I've done this when I transfered the contents of my DAW OS drive that was on a spinner drive to SSD using the cloning software of the SSD. Worked like a charm and haven't lost anything.

Quote:

Originally Posted by hopkins802 (Post 43043)
That's great, thanks! Would you recommend having Windows 7 on it's own SSD, and then my editing programs on another SSD, and then another for my scratch disk?

Windows 7 and your programs can reside on one SSD, that's usually the standard. Once the program loads into memory it starts quickly when you exit out. You could use a second SSD for scratch and a cache drive.

lordsmurf 03-27-2016 10:39 PM

I'd rather see a single SSD than two small ones.

sanlyn 03-28-2016 03:39 AM

The experience of many PC builders is that SSD speeds up initial random seek and read. But has no effect on processing, which is a CPU and system bus matter.

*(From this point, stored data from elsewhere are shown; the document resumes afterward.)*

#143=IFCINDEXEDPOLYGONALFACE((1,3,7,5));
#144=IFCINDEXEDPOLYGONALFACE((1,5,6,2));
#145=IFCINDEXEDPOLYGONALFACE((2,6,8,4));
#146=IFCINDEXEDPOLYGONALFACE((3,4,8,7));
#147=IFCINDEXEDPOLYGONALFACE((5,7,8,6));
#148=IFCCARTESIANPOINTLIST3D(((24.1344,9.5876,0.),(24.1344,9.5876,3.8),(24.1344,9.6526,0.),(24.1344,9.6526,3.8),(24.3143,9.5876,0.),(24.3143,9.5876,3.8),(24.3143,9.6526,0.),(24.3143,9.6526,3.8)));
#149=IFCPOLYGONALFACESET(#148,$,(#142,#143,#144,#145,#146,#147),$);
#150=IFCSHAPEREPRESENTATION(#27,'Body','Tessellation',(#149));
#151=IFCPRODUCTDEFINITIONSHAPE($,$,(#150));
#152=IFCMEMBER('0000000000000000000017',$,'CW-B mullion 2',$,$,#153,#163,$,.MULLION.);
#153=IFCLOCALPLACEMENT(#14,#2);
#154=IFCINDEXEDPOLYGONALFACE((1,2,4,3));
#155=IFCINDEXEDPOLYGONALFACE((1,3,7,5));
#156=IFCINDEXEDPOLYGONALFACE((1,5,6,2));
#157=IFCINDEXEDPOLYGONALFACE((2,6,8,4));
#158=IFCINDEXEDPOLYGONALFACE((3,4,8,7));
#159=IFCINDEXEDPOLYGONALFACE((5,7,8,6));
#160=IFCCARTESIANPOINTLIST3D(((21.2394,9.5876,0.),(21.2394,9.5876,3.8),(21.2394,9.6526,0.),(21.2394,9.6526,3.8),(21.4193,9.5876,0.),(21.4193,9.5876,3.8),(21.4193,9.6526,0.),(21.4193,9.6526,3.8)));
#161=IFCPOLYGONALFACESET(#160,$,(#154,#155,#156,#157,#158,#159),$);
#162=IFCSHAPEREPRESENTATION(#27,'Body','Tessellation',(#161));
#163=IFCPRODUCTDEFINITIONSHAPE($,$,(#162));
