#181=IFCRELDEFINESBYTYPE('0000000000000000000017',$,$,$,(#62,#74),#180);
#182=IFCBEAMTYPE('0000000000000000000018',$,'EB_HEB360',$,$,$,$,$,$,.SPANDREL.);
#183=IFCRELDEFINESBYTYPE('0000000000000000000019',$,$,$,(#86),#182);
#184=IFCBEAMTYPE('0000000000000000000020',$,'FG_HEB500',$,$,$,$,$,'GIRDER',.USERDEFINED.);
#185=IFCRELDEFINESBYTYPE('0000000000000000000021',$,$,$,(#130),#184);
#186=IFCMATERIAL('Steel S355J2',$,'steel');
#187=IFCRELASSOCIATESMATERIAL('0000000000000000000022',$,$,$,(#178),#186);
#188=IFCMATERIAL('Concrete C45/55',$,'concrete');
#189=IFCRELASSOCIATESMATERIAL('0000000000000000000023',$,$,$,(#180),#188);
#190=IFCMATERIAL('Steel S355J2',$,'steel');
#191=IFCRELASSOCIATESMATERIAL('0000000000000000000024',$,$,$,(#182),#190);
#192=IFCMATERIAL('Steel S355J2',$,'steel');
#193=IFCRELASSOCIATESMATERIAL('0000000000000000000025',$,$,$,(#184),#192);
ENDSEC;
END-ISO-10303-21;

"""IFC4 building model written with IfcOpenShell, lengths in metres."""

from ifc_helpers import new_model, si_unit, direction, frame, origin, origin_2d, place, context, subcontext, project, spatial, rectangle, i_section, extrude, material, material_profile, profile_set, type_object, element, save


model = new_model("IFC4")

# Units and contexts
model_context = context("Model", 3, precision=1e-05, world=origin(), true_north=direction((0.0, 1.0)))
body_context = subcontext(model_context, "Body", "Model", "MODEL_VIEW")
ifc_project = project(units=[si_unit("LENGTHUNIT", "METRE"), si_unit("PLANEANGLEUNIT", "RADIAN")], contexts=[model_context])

Opening your encoder app and finding a file might be faster, but not much will change after that.

hopkins802 03-28-2016 08:15 AM

Good to know thanks. I'm not too worried about how fast programs start up, which I know the SSD's will help with anyway.

But I guess I should have included this in my initial post, I'm really trying to increase how smoothly 4k footage plays back in Premiere Pro. It was my thought that if it's able to cache to a faster disk, then it will playback smoother and perform better in general. Is this thought correct / on the right track?

Thanks

lordsmurf 04-26-2016 01:19 AM

After months of use: SSD sometimes makes a difference, sometimes not.

When an export has I/O as the bottleneck, not CPU, the SSD is probably 4x faster. But that's usually for something simple, such as "direct stream copy" (simple cut, no re-encode) exports from VirtualDub. That's to be expected, of course.

The bigger advantage is to properly set software to use all cores and buffer more in RAM.

Video rendering (preview, not encoding) has to go through the CPU as well, so SSD may not help.